Trees from each of the two focal genotypes were sampled in corresponding genotypic monocultures and two‐, four‐ and eight‐genotype mixture plots, all of which were replicated at least twice (Figure S1). Five trees per genotype were sampled in each plot, with directly adjacent trees and trees at the edge of the plot avoided when possible. The exception to this was the eight‐genotype plots, where 3–5 trees of each genotype were sampled depending on the availability of each genotype. All sampling and measurements occurred in mid‐July 2022 and were assumed to capture cumulative herbivory that had occurred in the time between leaf emergence in spring through to mid‐summer.

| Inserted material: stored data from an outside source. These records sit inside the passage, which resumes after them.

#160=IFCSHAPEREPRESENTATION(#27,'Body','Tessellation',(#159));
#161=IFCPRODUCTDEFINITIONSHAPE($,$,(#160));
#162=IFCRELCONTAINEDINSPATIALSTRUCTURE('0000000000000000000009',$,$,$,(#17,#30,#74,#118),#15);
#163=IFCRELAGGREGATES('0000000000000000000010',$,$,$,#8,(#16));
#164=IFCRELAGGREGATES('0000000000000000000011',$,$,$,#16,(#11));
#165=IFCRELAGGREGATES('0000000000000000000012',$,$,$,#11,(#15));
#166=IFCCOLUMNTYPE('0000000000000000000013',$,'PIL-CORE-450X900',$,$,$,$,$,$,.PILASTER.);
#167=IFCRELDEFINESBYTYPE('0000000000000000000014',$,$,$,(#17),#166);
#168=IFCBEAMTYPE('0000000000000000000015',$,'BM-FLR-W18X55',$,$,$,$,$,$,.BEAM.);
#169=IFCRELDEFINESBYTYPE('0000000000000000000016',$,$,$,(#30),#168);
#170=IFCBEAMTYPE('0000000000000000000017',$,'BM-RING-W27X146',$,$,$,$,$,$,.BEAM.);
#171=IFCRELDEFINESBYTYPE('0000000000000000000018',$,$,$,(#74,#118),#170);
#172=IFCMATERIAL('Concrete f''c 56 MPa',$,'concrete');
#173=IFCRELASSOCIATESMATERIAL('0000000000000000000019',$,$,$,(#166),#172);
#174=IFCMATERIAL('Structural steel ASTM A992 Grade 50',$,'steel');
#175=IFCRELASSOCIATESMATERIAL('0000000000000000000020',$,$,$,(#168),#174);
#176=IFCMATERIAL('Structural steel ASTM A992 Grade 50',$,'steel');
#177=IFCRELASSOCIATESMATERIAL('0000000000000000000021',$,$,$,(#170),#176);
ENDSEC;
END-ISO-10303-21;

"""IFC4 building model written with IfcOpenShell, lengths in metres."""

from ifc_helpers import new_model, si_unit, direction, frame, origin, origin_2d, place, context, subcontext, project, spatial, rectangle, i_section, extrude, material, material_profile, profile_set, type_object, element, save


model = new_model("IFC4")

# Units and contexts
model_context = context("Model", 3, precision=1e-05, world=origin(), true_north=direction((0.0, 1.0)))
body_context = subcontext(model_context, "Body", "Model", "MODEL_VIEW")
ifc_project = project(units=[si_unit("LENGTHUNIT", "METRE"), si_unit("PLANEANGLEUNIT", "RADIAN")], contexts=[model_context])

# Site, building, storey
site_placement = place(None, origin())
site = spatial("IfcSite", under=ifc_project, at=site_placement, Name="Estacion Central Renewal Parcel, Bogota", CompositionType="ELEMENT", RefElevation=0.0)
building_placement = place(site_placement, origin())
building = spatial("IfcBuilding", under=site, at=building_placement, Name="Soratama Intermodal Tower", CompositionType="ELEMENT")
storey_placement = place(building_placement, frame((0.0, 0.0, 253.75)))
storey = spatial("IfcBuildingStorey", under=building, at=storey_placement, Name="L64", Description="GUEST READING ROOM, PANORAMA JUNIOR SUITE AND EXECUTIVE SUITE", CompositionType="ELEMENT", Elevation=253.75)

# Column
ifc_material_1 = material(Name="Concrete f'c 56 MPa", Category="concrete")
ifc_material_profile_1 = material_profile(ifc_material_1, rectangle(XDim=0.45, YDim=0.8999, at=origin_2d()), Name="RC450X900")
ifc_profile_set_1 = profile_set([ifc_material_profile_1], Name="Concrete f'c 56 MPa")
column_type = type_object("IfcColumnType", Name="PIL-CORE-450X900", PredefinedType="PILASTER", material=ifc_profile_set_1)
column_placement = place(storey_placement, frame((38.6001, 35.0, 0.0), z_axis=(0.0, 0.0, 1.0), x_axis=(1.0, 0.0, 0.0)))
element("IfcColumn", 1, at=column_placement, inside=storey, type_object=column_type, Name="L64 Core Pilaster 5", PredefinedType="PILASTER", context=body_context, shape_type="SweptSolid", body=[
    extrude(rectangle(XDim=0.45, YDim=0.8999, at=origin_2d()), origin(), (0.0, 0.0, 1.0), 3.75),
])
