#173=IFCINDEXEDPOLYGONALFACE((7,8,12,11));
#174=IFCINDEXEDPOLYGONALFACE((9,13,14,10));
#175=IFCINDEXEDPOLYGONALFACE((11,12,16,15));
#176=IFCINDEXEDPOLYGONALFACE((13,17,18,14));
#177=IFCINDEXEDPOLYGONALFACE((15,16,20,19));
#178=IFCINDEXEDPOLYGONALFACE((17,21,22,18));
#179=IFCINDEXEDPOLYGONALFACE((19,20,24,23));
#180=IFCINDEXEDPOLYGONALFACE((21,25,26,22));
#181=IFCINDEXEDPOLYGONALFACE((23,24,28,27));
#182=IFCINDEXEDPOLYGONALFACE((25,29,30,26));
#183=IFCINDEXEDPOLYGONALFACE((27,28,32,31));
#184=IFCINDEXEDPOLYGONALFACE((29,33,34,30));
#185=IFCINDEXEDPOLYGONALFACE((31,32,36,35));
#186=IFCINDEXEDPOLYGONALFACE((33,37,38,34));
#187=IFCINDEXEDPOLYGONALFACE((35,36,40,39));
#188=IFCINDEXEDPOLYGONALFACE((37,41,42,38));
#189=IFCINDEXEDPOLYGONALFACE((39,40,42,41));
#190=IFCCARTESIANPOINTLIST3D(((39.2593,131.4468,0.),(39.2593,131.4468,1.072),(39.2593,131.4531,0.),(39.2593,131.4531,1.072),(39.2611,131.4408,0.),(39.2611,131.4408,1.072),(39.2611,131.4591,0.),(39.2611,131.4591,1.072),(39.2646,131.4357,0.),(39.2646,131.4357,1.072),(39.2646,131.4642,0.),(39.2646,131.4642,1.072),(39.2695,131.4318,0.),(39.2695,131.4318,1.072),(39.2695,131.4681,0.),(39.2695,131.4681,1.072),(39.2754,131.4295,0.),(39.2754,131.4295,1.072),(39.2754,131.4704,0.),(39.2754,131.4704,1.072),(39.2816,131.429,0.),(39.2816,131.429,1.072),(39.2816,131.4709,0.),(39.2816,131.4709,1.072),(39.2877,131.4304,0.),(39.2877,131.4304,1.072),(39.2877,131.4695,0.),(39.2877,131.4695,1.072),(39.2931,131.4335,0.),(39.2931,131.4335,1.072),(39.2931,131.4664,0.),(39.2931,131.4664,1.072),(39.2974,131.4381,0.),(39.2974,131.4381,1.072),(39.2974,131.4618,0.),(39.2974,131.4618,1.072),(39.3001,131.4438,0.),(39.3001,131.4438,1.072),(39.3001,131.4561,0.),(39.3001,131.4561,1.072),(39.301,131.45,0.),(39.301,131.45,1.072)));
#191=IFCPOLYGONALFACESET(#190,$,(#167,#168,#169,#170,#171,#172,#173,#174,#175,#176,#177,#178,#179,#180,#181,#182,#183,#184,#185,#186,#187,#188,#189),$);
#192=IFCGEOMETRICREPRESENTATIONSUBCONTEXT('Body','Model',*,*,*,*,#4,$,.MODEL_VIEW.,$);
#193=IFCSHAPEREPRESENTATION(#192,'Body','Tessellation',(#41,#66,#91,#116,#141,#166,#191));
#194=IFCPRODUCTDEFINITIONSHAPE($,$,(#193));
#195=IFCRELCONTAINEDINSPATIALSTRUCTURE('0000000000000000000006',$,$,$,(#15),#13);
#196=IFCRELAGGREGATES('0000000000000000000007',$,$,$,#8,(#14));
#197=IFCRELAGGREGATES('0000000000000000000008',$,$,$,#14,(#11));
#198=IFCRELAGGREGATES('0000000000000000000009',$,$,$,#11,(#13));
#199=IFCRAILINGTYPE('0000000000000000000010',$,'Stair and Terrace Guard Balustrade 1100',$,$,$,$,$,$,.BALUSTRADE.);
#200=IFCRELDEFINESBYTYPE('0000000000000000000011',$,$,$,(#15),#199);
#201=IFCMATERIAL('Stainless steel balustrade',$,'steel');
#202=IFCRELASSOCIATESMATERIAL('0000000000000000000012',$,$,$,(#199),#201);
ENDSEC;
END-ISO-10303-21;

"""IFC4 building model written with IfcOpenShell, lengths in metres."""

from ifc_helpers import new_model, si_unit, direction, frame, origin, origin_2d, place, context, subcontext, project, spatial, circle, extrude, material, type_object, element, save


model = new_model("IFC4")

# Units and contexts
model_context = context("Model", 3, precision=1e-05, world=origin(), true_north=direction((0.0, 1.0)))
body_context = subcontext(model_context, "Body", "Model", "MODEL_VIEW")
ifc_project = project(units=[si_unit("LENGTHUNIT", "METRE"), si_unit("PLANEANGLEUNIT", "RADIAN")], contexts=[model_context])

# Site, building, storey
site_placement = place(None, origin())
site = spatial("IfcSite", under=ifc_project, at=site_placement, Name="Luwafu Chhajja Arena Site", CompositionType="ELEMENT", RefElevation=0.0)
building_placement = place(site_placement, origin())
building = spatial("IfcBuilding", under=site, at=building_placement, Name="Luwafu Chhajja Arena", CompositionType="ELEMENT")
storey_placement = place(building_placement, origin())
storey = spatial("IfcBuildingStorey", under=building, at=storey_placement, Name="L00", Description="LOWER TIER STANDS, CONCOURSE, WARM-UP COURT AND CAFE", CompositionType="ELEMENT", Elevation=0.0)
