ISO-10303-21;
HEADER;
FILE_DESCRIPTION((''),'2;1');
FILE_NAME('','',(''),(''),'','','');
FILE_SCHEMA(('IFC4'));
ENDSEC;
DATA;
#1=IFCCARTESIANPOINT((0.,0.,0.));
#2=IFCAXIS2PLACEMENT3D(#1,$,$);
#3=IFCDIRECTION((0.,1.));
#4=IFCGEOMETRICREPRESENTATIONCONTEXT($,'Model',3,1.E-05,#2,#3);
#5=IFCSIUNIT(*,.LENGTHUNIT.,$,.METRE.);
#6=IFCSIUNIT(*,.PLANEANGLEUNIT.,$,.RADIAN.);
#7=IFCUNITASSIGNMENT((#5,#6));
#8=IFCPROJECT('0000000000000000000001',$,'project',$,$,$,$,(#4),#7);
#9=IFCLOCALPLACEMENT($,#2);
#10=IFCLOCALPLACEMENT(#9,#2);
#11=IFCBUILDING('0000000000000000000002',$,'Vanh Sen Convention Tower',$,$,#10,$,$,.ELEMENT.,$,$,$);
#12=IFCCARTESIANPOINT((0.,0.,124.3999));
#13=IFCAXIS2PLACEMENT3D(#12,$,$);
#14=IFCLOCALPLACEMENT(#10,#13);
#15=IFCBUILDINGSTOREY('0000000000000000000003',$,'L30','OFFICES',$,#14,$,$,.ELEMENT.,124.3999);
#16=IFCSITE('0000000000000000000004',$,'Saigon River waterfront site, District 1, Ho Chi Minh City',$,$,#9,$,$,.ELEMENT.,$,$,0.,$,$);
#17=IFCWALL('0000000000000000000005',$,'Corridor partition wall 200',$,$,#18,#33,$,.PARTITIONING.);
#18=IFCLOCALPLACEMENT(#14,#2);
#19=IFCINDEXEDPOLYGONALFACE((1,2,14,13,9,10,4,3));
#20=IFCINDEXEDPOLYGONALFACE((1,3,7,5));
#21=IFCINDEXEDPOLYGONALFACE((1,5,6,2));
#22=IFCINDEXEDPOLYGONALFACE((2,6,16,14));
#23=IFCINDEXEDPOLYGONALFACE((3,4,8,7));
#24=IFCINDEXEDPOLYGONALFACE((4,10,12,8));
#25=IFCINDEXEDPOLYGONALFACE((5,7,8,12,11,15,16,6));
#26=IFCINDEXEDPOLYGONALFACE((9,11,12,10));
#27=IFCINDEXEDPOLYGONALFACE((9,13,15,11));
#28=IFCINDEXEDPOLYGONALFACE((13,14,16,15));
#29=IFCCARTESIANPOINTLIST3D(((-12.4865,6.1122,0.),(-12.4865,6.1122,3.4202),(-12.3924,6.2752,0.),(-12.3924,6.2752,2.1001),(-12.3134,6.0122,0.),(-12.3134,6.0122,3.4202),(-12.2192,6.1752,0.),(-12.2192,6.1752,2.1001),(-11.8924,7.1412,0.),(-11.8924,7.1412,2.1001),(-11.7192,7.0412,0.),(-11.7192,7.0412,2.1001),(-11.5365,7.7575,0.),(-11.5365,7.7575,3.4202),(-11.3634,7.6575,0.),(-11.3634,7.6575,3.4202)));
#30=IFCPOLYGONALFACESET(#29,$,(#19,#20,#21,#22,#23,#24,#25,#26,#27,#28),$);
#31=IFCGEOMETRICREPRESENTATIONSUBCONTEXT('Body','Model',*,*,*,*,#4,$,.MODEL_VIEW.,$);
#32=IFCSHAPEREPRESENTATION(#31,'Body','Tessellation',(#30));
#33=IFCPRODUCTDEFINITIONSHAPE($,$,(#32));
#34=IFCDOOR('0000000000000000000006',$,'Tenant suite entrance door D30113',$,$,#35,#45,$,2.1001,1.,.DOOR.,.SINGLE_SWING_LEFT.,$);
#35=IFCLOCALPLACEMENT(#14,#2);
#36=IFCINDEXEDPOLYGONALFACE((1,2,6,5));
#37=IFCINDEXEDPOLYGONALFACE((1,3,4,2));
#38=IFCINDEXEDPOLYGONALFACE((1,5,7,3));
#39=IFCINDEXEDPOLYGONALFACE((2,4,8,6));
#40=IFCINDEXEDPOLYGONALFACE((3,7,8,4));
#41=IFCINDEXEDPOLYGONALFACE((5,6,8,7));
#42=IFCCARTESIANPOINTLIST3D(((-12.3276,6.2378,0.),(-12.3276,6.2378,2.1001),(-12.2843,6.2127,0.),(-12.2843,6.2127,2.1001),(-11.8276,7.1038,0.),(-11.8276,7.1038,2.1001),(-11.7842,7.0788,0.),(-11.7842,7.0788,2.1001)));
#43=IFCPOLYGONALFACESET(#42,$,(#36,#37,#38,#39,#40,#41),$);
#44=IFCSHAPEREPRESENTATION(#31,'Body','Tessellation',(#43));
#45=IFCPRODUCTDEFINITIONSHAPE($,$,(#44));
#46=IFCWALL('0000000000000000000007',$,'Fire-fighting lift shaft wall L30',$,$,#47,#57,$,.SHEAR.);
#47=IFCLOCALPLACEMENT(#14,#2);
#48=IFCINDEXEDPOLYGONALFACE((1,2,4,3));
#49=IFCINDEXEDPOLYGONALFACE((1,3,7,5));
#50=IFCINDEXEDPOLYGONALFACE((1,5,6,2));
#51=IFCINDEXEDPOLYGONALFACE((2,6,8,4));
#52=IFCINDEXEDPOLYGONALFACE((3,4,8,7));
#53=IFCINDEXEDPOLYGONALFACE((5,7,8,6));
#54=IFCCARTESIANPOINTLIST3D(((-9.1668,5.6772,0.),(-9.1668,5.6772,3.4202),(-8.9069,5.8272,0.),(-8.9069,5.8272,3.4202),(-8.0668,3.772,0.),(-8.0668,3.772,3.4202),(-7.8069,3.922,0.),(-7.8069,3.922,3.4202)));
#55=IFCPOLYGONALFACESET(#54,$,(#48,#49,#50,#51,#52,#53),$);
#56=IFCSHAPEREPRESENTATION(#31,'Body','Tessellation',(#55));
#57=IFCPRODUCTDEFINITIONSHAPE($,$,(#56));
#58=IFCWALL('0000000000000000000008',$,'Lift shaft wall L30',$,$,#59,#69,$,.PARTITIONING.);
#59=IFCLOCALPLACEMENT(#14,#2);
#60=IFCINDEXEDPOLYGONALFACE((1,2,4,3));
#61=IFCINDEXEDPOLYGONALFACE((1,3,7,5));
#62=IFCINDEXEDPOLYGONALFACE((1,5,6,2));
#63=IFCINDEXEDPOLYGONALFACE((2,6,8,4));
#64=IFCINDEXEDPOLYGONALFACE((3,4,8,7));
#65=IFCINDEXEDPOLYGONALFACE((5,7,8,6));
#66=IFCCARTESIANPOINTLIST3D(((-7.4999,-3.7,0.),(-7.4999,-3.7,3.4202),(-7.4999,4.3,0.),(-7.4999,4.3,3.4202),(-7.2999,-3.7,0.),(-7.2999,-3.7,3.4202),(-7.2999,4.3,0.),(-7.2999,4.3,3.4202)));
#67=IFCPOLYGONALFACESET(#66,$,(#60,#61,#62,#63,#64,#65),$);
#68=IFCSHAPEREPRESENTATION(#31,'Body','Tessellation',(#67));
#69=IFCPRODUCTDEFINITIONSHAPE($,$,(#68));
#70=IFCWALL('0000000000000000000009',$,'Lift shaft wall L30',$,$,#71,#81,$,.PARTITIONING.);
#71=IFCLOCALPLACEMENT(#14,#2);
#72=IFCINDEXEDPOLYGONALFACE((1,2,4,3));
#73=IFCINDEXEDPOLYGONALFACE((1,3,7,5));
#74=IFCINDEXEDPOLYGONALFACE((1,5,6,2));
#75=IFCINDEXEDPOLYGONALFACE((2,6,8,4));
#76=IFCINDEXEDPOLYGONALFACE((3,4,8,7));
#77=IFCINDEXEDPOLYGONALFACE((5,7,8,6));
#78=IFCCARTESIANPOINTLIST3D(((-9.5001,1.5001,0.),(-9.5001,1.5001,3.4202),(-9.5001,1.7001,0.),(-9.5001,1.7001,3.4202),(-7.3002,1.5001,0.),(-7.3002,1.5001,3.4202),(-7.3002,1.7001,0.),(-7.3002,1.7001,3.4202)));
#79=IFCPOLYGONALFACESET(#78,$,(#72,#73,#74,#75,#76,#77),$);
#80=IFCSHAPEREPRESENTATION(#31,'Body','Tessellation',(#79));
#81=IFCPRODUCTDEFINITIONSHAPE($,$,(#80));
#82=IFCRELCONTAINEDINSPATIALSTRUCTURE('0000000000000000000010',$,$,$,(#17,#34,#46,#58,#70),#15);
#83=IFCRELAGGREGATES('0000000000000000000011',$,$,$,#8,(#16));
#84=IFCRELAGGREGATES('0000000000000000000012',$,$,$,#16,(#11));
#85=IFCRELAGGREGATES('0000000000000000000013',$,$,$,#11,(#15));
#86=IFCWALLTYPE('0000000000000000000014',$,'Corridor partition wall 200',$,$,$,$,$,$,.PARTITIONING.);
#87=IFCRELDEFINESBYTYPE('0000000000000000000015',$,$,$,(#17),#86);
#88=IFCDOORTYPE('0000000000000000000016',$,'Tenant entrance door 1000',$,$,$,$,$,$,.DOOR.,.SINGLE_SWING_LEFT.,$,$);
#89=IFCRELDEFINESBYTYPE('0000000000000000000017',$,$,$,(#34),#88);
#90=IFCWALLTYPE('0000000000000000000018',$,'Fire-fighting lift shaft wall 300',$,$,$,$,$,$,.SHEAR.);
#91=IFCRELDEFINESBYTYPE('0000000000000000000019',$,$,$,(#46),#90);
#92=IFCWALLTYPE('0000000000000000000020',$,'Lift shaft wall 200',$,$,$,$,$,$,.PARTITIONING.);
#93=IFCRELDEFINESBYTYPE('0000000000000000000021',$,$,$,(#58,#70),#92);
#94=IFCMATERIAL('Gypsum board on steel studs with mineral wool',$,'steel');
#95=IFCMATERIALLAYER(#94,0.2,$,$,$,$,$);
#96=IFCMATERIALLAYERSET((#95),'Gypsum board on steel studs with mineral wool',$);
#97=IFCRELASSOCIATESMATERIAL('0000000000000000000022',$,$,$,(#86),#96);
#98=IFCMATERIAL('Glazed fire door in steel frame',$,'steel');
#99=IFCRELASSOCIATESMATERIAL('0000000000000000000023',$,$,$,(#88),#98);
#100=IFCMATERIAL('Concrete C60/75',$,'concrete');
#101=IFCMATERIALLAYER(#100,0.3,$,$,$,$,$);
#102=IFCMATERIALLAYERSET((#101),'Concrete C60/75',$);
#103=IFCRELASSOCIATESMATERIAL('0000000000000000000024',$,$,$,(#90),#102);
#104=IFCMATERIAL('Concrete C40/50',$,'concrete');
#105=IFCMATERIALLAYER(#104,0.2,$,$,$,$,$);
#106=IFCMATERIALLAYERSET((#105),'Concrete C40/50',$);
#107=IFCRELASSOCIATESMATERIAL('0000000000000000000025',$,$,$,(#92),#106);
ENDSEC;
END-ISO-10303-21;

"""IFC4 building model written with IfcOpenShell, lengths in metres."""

from ifc_helpers import new_model, si_unit, direction, frame, frame_2d, origin, place, context, subcontext, project, spatial, rectangle, extrude, material, layer, layer_set, type_object, element, fill, save


model = new_model("IFC4")

# Units and contexts
model_context = context("Model", 3, precision=1e-05, world=origin(), true_north=direction((0.0, 1.0)))
body_context = subcontext(model_context, "Body", "Model", "MODEL_VIEW")
ifc_project = project(units=[si_unit("LENGTHUNIT", "METRE"), si_unit("PLANEANGLEUNIT", "RADIAN")], contexts=[model_context])

# Site, building, storey
site_placement = place(None, origin())
site = spatial("IfcSite", under=ifc_project, at=site_placement, Name="Saigon River waterfront site, District 1, Ho Chi Minh City", CompositionType="ELEMENT", RefElevation=0.0)
building_placement = place(site_placement, origin())
building = spatial("IfcBuilding", under=site, at=building_placement, Name="Vanh Sen Convention Tower", CompositionType="ELEMENT")
storey_placement = place(building_placement, frame((0.0, 0.0, 124.3999)))
storey = spatial("IfcBuildingStorey", under=building, at=storey_placement, Name="L30", Description="OFFICES", CompositionType="ELEMENT", Elevation=124.3999)

# Wall, opening, door
ifc_material_1 = material(Name="Gypsum board on steel studs with mineral wool", Category="steel")
ifc_layer_1 = layer(ifc_material_1, 0.2)
ifc_layer_set_1 = layer_set([ifc_layer_1], Name="Gypsum board on steel studs with mineral wool")
wall_type_1 = type_object("IfcWallType", Name="Corridor partition wall 200", PredefinedType="PARTITIONING", material=ifc_layer_set_1)
ifc_material_2 = material(Name="Glazed fire door in steel frame", Category="steel")
door_type_1 = type_object("IfcDoorType", Name="Tenant entrance door 1000", OperationType="SINGLE_SWING_LEFT", PredefinedType="DOOR", material=ifc_material_2)
wall_1_placement = place(storey_placement, frame((-11.45, 7.7075, 0.0), z_axis=(0.0, 0.0, 1.0), x_axis=(-0.500023, -0.866012, 0.0)))
wall_1 = element("IfcWall", 1, at=wall_1_placement, inside=storey, type_object=wall_type_1, Name="Corridor partition wall 200", PredefinedType="PARTITIONING", context=body_context, shape_type="SweptSolid", body=[
    extrude(rectangle(XDim=1.8999, YDim=0.2, at=frame_2d((0.95, 0.0))), origin(), (0.0, 0.0, 1.0), 3.4202),
])
opening_1_placement = place(wall_1_placement, frame((0.7117, 0.0, 0.0)))
opening_1 = element("IfcOpeningElement", 2, at=opening_1_placement, cuts=wall_1, PredefinedType="OPENING", context=body_context, shape_type="SweptSolid", body=[
    extrude(rectangle(XDim=1.0, YDim=2.1001, at=frame_2d((0.5, 1.05))), frame((0.0, 0.1099, 0.0), z_axis=(0.0, -1.0, 0.0), x_axis=(1.0, 0.0, 0.0)), (0.0, 0.0, 1.0), 0.22),
])
door_1_placement = place(opening_1_placement, origin())
door_1 = element("IfcDoor", 3, at=door_1_placement, inside=storey, type_object=door_type_1, Name="Tenant suite entrance door D30113", OperationType="SINGLE_SWING_LEFT", OverallHeight=2.1001, OverallWidth=1.0, PredefinedType="DOOR", context=body_context, shape_type="SweptSolid", body=[
    extrude(rectangle(XDim=1.0, YDim=2.1001, at=frame_2d((0.5, 1.05))), frame((0.0, 0.0249, 0.0), z_axis=(0.0, -1.0, 0.0), x_axis=(1.0, 0.0, 0.0)), (0.0, 0.0, 1.0), 0.05),
])
fill(opening_1, door_1)

# Walls
ifc_material_3 = material(Name="Concrete C60/75", Category="concrete")
ifc_layer_2 = layer(ifc_material_3, 0.3)
ifc_layer_set_2 = layer_set([ifc_layer_2], Name="Concrete C60/75")
wall_type_2 = type_object("IfcWallType", Name="Fire-fighting lift shaft wall 300", PredefinedType="SHEAR", material=ifc_layer_set_2)
wall_2_placement = place(storey_placement, frame((-7.9368, 3.8469, 0.0), z_axis=(0.0, 0.0, 1.0), x_axis=(-0.50003, 0.866008, 0.0)))
element("IfcWall", 4, at=wall_2_placement, inside=storey, type_object=wall_type_2, Name="Fire-fighting lift shaft wall L30", PredefinedType="SHEAR", context=body_context, shape_type="SweptSolid", body=[
    extrude(rectangle(XDim=2.2, YDim=0.3, at=frame_2d((1.1001, 0.0))), origin(), (0.0, 0.0, 1.0), 3.4202),
])
ifc_material_4 = material(Name="Concrete C40/50", Category="concrete")
ifc_layer_3 = layer(ifc_material_4, 0.2)
ifc_layer_set_3 = layer_set([ifc_layer_3], Name="Concrete C40/50")
wall_type_3 = type_object("IfcWallType", Name="Lift shaft wall 200", PredefinedType="PARTITIONING", material=ifc_layer_set_3)
wall_3_placement = place(storey_placement, frame((-7.3999, 4.3, 0.0), z_axis=(0.0, 0.0, 1.0), x_axis=(0.0, -1.0, 0.0)))
element("IfcWall", 5, at=wall_3_placement, inside=storey, type_object=wall_type_3, Name="Lift shaft wall L30", PredefinedType="PARTITIONING", context=body_context, shape_type="SweptSolid", body=[
    extrude(rectangle(XDim=8.0, YDim=0.2, at=frame_2d((4.0, 0.0))), origin(), (0.0, 0.0, 1.0), 3.4202),
])
wall_4_placement = place(storey_placement, frame((-7.3, 1.6001, 0.0), z_axis=(0.0, 0.0, 1.0), x_axis=(-1.0, 0.0, 0.0)))
element("IfcWall", 6, at=wall_4_placement, inside=storey, type_object=wall_type_3, Name="Lift shaft wall L30", PredefinedType="PARTITIONING", context=body_context, shape_type="SweptSolid", body=[
    extrude(rectangle(XDim=2.2, YDim=0.2, at=frame_2d((1.1001, 0.0))), origin(), (0.0, 0.0, 1.0), 3.4202),
])

save(model, "model.ifc")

Tree Growth and Canopy Cover
2.2.1
Diameter at breast height (DBH) for each focal tree was determined by measuring stem circumference at breast height (1.3 m from the ground) and dividing by π. Following Muiruri and Koricheva (2017), percentage canopy cover around the focal trees was assessed by walking around the trunk of each focal tree at a distance of 2 m and using a GRS densitometer (GRS, USA) to observe the canopy at 10 evenly spaced positions; at each position an observation of either ‘sky’ or ‘canopy’ was made, after which the sum of ‘canopy’ observations around each focal tree was multiplied by 10 to give an overall % canopy cover.
Herbivory Assessment
2.2.2
Leaf herbivory, primarily due to chewing insects, was measured following a protocol in Muiruri et al. (2019). Four branches per tree were cut down with a branch pruner from heights of 3–6 m from each tree. For each branch, 25 short‐shoot leaves (leaves that had emerged during the spring) were inspected and categorised using the following damage categories: no damage, 0.1%–5%, 6%–25%, 26%–50%, 51%–75% and > 75%. Percent herbivory was calculated for each branch by multiplying the number of leaves in each category by the midpoint value of that category, and percent herbivory per tree was obtained by averaging percent herbivory values of the four branches assessed.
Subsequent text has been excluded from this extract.